Business As Usual

“Who has deceiv’d thee so oft as thy self?”. – Benjamin Franklin (ed.), Poor Richard’s Almanack

Last week was said to be about buying dips, or perhaps the resilient stock market shrugging off Trump troubles to focus on how great the economy really is. It wasn’t. Most of last week’s trading was about making money from short-term trading, nothing more, nothing less. While the most important event last week from the broader perspective may have indeed been the administration’s woes (and only time will tell in that respect), the most important event last week from the market’s point of view was the monthly options expiration.

Options dealers don’t have absolute rule over the market, nor do they have the firepower to overcome the biggest headlines. But they do know how to take advantage of less-than-hysterical conditions and push the markets a certain way. So do the quant programs who follow them, and who also make up the majority of trading volume.

Consider the SPYder ETF (NYSE: SPY), the most liquid and actively traded market ETF. It closed last week at 238.31, a closing you could have picked off several days earlier. Consider also the SPY put and call options that were due to expire Friday afternoon (technically Saturday, though for all intents and purposes, shortly after Friday’s close). At about 2:30 Friday afternoon, there were approximately 900,000 (900K) puts still outstanding with a strike price of 240 or less, about 250K at 238.5 or more (where they would be in the money). On the call side, there were 320K due to expire below 238 (in the money) and about 700K due to expire above 238 (potentially out of the money).

Two large components of options pricing are volatility (of the underlying instrument) and time to expiration. So unless you purchased the 238 call strike in the waning moments of Friday, you would almost certainly have lost money, though the calls did finish with an intrinsic value of $0.31 each. The 730K or so remaining puts with a strike of 238.5 or less still outstanding with a couple of hours to go finished worthless or virtually so, while most of the holders of the remaining puts above 238.5 (and so in the money) would have lost money or seen their positions crater in value the last couple of days. All of the calls above 238.5 – and there were about a million still outstanding with two hours to go – finished at exactly zero. In sum, a pretty good day for options dealers.

So did the markets “shrug off Trump worries (Tuesday’s big drop) in favor of the economy,” or did the dealers make another killing? I’d say the latter. So long as we are in the current market phase – an old bull market that is very expensive but not quite dead – we are going to keep seeing this month after month, aided and abetted by Trump traders who will keep betting on every headline that looks like part of the magic growth formula, if only because everyone else will. That will last until the jobs reports begin to roll over. Until then, it’s just trading as usual.

The Economic Beat

April industrial production was the highlight of a quiet week. On the surface it looked good, with both overall and manufacturing production climbing by 1% (seasonally adjusted) on the month. On closer inspection though, it’s too early to break out the bubbly. Much of the gains are due to mining (i.e., oil), up quite a bit (7%) over the last year on a seasonally adjusted basis. On an unadjusted basis, total industrial production is up 0.9% year-on-year, and is barely above last year’s lows. At 102.64, the unadjusted index is more than a percent below its average of 103.9 over the last four years. Oil was a drag on activity last year and is responsible for most of the gains this year – in ancillary categories as well – but industrial production overall has been anemic, despite some of the latest rhapsodizing by perpetual promoters.
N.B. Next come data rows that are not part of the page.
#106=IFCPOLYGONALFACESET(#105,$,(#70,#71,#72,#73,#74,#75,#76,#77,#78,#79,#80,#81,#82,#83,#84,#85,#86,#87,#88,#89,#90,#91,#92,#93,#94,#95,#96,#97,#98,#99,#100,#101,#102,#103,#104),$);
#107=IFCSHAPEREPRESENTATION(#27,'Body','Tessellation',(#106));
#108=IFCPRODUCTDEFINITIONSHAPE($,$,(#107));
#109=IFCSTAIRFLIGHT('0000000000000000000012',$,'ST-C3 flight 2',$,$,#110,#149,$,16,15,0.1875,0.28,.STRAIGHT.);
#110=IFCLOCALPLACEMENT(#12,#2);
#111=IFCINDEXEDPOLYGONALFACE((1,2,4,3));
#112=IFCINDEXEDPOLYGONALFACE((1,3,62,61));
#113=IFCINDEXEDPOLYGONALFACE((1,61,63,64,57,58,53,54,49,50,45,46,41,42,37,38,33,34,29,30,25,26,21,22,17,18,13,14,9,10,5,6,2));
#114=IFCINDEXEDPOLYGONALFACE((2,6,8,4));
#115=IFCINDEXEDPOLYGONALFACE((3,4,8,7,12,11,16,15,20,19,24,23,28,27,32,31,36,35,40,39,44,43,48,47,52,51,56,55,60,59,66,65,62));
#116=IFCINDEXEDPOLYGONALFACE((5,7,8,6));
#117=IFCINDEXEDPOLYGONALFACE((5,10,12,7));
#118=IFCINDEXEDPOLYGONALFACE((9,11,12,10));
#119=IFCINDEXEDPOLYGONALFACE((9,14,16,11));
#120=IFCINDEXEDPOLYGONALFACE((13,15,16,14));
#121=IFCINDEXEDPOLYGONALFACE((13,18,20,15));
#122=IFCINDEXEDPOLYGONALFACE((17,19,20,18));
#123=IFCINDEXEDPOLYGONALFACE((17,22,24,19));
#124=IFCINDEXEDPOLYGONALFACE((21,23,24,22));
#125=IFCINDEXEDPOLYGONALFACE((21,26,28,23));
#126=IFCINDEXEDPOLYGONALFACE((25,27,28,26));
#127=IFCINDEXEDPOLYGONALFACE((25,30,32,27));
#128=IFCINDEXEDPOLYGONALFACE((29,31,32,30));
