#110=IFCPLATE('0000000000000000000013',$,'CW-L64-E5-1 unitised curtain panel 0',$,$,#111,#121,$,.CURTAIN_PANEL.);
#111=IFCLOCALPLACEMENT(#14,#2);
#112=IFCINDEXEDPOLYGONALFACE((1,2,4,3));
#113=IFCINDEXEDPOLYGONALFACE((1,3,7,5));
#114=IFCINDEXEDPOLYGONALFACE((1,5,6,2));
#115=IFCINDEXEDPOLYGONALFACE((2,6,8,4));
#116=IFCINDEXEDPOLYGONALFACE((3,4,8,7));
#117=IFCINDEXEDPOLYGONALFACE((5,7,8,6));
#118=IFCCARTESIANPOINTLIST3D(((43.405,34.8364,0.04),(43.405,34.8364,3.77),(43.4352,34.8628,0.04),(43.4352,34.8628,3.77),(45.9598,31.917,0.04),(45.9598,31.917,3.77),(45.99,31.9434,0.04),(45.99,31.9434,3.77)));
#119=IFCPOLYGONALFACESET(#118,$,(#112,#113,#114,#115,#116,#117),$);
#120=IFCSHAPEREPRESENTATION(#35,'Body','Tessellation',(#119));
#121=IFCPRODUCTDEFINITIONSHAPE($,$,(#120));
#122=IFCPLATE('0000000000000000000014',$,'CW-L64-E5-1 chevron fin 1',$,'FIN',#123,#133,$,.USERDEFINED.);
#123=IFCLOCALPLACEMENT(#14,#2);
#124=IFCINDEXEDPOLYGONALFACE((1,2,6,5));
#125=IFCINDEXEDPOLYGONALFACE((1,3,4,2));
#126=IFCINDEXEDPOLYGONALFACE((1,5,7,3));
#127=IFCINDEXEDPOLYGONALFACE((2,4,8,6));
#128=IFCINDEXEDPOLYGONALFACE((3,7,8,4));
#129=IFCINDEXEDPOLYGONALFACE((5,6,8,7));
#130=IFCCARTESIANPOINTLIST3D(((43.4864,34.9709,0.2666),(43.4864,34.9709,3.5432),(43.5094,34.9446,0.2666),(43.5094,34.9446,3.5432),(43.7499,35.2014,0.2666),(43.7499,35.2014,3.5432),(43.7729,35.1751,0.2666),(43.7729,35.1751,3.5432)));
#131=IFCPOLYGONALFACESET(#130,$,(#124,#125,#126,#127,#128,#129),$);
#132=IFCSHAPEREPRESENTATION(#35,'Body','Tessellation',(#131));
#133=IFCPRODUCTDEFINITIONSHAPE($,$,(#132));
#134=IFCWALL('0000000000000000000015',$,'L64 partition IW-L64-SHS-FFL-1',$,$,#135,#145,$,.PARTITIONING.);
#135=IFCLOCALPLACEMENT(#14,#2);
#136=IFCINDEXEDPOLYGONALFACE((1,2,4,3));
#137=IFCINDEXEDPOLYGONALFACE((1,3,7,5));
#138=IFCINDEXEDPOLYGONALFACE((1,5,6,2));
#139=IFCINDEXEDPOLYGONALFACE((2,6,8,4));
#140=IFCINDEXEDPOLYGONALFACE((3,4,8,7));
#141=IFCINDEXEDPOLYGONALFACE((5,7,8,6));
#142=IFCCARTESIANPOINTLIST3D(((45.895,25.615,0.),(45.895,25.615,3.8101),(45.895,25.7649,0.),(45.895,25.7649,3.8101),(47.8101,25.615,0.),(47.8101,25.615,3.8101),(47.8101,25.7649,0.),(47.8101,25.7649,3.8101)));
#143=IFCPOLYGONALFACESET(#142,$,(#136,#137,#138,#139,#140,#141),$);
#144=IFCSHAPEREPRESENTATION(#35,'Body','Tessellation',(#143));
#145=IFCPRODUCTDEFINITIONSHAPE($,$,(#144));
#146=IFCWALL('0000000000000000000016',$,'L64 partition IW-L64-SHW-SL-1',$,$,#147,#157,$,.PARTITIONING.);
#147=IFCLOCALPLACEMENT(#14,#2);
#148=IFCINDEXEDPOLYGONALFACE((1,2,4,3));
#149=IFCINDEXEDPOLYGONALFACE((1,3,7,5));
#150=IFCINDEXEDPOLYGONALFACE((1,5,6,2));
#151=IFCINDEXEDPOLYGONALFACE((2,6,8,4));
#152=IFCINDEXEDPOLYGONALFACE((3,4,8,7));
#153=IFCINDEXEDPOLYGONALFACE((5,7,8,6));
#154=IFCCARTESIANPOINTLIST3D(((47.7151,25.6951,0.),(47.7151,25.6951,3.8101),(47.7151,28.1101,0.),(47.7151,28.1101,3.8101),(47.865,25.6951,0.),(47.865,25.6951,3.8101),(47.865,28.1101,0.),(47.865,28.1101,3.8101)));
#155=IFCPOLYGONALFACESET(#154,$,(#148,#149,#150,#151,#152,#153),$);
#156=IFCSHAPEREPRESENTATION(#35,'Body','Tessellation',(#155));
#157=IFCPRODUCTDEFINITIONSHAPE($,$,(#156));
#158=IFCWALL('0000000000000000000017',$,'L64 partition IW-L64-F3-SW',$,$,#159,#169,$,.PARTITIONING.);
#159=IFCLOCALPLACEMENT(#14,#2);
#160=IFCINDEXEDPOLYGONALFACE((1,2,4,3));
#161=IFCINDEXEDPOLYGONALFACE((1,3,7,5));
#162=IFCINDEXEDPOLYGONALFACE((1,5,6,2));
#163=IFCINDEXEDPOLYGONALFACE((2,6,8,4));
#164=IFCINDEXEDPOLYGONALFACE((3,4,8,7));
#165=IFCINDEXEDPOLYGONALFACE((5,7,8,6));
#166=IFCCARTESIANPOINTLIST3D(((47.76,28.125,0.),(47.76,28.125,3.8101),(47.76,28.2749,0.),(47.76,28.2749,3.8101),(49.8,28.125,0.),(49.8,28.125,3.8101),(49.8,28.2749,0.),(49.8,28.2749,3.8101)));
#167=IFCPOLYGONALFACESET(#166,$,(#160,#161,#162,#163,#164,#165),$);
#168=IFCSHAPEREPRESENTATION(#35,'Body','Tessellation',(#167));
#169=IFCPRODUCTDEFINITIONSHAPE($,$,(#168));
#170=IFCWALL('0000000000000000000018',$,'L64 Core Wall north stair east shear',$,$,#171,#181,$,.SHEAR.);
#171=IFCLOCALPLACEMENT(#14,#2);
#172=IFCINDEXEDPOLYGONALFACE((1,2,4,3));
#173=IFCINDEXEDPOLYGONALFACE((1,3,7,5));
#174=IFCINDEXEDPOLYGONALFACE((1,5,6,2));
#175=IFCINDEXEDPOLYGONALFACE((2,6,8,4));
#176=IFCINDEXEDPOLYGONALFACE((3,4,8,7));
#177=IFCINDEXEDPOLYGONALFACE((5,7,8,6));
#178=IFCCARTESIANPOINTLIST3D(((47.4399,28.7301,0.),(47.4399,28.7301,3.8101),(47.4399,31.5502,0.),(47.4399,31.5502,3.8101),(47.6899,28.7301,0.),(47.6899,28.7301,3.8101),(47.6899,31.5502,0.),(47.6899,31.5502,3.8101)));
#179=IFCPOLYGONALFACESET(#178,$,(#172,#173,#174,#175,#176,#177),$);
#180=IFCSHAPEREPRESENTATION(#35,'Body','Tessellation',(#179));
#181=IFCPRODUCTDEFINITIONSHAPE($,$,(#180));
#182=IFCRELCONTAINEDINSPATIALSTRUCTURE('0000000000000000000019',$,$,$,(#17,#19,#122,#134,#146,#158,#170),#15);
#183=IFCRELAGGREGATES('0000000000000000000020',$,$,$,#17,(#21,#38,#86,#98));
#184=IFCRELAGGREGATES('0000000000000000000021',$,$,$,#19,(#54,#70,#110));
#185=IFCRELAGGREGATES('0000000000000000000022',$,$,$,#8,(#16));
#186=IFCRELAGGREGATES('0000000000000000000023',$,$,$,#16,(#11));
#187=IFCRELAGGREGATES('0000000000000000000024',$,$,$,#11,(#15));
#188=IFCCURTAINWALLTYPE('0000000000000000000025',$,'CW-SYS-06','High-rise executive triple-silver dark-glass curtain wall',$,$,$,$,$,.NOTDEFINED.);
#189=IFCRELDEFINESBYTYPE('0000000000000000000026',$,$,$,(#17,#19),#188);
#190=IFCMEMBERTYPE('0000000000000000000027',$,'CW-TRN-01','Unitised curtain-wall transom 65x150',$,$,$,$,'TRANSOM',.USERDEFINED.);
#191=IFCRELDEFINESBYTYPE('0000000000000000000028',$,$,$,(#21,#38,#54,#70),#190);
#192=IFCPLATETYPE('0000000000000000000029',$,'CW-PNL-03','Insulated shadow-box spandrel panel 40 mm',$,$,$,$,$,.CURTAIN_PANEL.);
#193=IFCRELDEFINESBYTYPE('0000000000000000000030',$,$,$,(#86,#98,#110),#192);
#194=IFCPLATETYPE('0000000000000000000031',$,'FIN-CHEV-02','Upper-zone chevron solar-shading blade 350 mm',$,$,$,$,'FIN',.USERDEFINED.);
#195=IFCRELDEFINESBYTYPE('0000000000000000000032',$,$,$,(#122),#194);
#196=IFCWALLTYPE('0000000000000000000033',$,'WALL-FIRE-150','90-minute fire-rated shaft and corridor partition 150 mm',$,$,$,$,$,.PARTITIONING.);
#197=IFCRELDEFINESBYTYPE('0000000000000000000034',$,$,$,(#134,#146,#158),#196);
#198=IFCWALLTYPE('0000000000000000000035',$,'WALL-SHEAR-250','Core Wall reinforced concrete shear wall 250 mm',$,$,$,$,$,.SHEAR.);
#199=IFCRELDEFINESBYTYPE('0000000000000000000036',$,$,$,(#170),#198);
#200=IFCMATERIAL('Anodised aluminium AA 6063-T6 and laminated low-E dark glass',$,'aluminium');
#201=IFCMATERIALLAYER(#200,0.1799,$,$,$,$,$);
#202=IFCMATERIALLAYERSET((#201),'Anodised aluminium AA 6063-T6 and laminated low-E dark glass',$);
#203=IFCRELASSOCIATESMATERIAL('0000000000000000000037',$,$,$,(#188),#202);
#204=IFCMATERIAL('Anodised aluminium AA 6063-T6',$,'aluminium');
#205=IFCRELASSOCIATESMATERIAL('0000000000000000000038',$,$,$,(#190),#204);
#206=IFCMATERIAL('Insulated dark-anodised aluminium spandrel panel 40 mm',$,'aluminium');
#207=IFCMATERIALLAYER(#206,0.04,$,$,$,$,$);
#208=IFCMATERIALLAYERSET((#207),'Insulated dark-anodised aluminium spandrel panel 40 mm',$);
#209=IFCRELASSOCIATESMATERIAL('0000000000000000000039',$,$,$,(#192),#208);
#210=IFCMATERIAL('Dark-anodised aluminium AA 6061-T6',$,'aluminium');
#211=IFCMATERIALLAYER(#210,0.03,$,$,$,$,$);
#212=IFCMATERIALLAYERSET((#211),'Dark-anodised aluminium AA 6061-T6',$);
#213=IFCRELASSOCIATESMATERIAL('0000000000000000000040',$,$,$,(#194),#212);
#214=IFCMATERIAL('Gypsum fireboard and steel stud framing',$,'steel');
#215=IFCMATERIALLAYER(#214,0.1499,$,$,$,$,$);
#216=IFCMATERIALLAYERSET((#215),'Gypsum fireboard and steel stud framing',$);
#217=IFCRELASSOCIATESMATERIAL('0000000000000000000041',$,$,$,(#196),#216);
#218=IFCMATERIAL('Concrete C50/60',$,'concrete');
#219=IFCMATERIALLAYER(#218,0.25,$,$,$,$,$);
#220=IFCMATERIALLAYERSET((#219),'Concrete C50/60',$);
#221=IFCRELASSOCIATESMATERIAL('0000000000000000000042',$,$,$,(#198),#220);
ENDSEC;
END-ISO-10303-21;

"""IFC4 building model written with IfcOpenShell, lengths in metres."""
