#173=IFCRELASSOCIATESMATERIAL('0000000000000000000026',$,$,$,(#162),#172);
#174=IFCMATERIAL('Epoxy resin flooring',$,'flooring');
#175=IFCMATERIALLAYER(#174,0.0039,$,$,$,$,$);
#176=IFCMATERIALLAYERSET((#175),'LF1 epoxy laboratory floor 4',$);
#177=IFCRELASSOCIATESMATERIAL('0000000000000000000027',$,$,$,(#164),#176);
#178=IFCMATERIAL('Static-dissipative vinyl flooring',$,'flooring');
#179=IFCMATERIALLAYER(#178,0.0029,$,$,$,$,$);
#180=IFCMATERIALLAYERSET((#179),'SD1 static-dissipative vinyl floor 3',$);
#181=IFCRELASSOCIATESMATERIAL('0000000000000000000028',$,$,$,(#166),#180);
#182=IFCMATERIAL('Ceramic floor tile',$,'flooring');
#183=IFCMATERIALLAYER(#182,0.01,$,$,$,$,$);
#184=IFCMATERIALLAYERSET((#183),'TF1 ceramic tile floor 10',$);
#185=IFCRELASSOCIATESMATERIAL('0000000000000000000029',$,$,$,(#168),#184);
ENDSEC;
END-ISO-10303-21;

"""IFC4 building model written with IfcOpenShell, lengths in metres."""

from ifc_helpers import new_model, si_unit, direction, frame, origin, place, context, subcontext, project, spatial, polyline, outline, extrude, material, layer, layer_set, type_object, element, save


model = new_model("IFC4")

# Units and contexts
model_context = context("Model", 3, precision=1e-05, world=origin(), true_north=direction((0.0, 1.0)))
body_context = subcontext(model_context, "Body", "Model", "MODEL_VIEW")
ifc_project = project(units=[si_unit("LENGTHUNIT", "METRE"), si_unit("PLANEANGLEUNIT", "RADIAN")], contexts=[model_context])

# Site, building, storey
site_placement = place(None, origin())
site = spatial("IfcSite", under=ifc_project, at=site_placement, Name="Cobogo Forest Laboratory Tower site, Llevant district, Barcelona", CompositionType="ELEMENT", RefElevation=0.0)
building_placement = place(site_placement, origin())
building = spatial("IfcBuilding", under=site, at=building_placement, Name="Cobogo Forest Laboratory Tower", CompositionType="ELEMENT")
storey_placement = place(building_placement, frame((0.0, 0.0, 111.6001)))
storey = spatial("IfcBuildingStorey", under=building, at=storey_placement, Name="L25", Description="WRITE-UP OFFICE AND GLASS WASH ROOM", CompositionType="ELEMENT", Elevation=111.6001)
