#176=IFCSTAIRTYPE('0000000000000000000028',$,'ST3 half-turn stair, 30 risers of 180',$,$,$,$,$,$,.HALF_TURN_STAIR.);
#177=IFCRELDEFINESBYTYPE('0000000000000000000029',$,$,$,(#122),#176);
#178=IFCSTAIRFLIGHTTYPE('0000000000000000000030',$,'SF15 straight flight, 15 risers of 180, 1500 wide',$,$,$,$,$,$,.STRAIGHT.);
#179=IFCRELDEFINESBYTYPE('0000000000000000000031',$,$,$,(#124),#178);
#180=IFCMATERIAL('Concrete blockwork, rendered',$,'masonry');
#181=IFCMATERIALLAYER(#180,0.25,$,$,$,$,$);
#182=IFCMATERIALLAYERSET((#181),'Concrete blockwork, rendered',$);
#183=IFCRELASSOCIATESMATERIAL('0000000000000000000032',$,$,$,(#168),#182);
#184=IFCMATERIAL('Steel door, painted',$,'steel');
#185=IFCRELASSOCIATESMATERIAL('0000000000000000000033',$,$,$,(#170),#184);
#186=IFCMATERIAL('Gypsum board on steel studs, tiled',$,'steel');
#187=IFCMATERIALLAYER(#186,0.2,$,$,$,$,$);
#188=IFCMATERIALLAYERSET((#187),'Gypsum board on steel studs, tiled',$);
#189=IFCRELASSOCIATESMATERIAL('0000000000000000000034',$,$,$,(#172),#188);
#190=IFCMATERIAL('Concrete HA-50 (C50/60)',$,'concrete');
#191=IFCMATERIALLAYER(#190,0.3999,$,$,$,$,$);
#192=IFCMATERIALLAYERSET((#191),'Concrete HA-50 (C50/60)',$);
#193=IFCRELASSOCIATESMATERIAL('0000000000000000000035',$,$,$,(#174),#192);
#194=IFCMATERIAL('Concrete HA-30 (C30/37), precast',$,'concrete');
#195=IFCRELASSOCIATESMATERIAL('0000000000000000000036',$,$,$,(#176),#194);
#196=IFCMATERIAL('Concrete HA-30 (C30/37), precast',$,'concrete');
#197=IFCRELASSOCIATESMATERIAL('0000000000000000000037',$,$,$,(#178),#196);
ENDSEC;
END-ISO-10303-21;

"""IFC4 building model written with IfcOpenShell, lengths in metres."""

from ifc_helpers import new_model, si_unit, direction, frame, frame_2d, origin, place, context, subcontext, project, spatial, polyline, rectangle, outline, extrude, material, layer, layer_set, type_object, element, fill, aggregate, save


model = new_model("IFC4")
Those same promoters have been non-stop boosting the recent readings in the Philadelphia Fed survey, which rose from 22 to 38.8 in its latest reading (zero is neutral). It sounds impressive and so was much more broadly reported than the New York Fed survey, which fell into contracting territory with its reading of (-1.0), down from 5.2 and new orders at (-4.4). The decline is not drastic, but it is at odds with a Philadelphia Fed reading that has been sporting very high levels for months with little activity to show for, this month’s industrial report notwithstanding. You won’t hear that on the national news.

Over in housing, builder sentiment is running very high (70 vs. neutral of 50), even if overall activity is restrained compared with prior times. Usually the sentiment index tips off the starts number the next day, and while a revision is always possible, it didn’t appear to be the case this time. Housing starts through April have about the same growth rate as a year ago (5.6% vs. a year-ago 5.4%), while single-family starts are definitely easing, at about 7% growth vs. 9.4% a year ago. This kind of variation can happen throughout the business cycle, but merits closer watching when the cycle is as mature as the current one. The sector is good, not great, with even the most expensive areas (which get all the headlines) showing signs of cooling off.

The coming week has more housing news in the form of sales of new homes Tuesday and existing homes Wednesday, along with the federal mortgage resale price index. There will be a couple more Fed regional manufacturing surveys, Richmond on Tuesday and Kansas City on Thursday. The reports of the week should be durable goods orders on Friday, released along with the first revision to first-quarter GDP (consensus is for a slight uptick from the initial estimate of 0.7%). The FOMC minutes are released on Wednesday, and are unlikely to provide anything more than a bit of fodder for the talking heads to chew on for a day or two.